# Info on Windows 8



## EBrisbane78 (Nov 30, 2011)

Hello Everyone

I have a few questions on the windows 8 dev preview I downloaded from msn
1. Where can I find the system requirements so I can see if my desktop can handle it?
2. On msn's site it says that it can't be uninstalled, so what does that mean exactly? A second partition and a duel boot or a vm box?
MSN seems to put out an os faster since vista and I guess 7 wasn't good enough to last more than 4 years, so where do I find the info so I can check out msn's new os?
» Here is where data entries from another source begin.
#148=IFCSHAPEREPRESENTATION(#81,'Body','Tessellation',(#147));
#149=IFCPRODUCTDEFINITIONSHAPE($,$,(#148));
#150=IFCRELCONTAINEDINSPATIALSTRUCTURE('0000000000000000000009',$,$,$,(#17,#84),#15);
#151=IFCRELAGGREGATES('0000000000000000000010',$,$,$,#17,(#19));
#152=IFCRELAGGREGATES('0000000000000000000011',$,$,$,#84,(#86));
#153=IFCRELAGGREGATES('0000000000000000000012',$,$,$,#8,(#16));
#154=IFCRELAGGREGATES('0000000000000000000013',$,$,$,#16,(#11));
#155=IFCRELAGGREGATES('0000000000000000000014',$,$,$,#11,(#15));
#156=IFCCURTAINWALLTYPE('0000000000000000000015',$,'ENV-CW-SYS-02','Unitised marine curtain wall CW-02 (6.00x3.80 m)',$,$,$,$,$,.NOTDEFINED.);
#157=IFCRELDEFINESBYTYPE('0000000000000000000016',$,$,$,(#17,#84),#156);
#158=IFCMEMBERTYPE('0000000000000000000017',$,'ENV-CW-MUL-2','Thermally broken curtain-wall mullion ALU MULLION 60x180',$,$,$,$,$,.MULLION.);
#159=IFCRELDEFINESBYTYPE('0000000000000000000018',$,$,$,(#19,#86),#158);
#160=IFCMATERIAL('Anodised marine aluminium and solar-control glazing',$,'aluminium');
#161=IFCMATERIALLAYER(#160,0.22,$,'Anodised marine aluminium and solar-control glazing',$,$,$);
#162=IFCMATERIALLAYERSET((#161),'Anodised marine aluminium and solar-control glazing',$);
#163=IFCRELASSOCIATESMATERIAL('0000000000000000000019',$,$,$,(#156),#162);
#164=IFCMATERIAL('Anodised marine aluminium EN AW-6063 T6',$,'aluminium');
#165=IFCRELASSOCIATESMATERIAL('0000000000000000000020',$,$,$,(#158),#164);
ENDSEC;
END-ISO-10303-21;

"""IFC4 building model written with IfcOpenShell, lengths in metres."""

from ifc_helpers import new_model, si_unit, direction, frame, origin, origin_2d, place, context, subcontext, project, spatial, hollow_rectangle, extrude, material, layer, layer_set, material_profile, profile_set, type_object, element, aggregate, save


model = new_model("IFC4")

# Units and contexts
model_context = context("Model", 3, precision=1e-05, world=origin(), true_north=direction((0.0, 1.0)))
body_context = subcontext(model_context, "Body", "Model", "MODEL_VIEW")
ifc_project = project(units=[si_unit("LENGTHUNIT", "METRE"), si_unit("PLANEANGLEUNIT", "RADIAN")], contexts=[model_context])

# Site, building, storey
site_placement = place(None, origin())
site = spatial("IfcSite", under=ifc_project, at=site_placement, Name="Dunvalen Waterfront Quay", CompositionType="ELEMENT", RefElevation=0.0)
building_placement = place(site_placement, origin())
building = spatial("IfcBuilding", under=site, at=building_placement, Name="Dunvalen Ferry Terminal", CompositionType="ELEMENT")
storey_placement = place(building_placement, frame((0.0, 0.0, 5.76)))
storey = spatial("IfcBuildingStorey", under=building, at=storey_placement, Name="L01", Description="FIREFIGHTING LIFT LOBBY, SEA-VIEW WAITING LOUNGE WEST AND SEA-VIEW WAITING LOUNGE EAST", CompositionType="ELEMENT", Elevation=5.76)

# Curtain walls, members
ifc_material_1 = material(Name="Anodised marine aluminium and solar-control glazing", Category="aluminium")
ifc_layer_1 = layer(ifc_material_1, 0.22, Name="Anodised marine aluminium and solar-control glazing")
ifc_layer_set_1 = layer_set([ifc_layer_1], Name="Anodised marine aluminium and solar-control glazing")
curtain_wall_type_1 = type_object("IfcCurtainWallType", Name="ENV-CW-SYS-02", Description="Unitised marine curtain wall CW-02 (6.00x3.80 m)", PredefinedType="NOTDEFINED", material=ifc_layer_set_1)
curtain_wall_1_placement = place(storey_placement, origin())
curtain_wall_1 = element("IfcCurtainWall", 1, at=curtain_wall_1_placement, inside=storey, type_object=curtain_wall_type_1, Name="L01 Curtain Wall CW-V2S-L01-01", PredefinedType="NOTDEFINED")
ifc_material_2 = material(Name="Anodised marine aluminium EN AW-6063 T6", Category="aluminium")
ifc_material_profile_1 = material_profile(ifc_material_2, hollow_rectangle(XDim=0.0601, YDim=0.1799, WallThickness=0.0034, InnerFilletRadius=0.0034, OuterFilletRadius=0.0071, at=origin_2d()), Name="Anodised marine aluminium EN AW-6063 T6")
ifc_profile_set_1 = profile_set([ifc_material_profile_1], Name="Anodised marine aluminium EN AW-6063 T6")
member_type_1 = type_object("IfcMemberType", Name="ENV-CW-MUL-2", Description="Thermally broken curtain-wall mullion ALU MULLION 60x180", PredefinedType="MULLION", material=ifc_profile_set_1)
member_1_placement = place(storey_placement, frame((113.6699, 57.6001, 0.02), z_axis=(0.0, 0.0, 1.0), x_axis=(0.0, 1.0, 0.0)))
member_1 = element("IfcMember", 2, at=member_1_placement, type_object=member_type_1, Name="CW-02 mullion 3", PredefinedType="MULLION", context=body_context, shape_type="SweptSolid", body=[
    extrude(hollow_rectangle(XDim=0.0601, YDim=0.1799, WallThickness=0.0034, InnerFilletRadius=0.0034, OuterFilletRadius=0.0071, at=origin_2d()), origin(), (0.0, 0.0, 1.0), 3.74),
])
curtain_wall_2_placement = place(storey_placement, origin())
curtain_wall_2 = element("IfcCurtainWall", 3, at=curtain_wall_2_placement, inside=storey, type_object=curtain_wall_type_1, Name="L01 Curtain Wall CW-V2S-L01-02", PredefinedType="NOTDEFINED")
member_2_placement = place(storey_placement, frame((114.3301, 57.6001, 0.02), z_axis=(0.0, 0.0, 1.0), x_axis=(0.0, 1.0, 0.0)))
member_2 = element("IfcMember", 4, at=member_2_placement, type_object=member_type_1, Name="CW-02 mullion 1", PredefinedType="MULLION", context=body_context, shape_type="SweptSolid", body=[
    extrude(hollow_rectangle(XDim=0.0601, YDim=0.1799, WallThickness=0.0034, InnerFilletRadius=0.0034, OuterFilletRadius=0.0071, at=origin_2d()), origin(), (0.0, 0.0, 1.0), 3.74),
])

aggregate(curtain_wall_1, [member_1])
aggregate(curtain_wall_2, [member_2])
BTW does the version I got from msn reqire a sn to install? or is that with the final versions?


Thanks a bunch
Erick


----------



## johnsrock (Jul 27, 2011)

*Windows 8 System Requirements*



1 gigahertz (GHz) or faster 32-bit (x86) or 64-bit (x64) processorhttp://www.technobaboy.com/2011/09/13/amd-fx-fastest-cpu/
1 gigabyte (GB) RAM (32-bit) or 2 GB RAM (64-bit)
16 GB available hard disk space (32-bit) or 20 GB (64-bit)
DirectX 9 graphics device with WDDM 1.0 or higher driver
Taking advantage of touch input requires a screen that supports multi-touch


----------



## spunk.funk (May 13, 2010)

W/8 is in Pre-Beta form and is just for developers to look at and is not close to a final edition. If you want to check it out, install it in a VM machine to easily remove it .


----------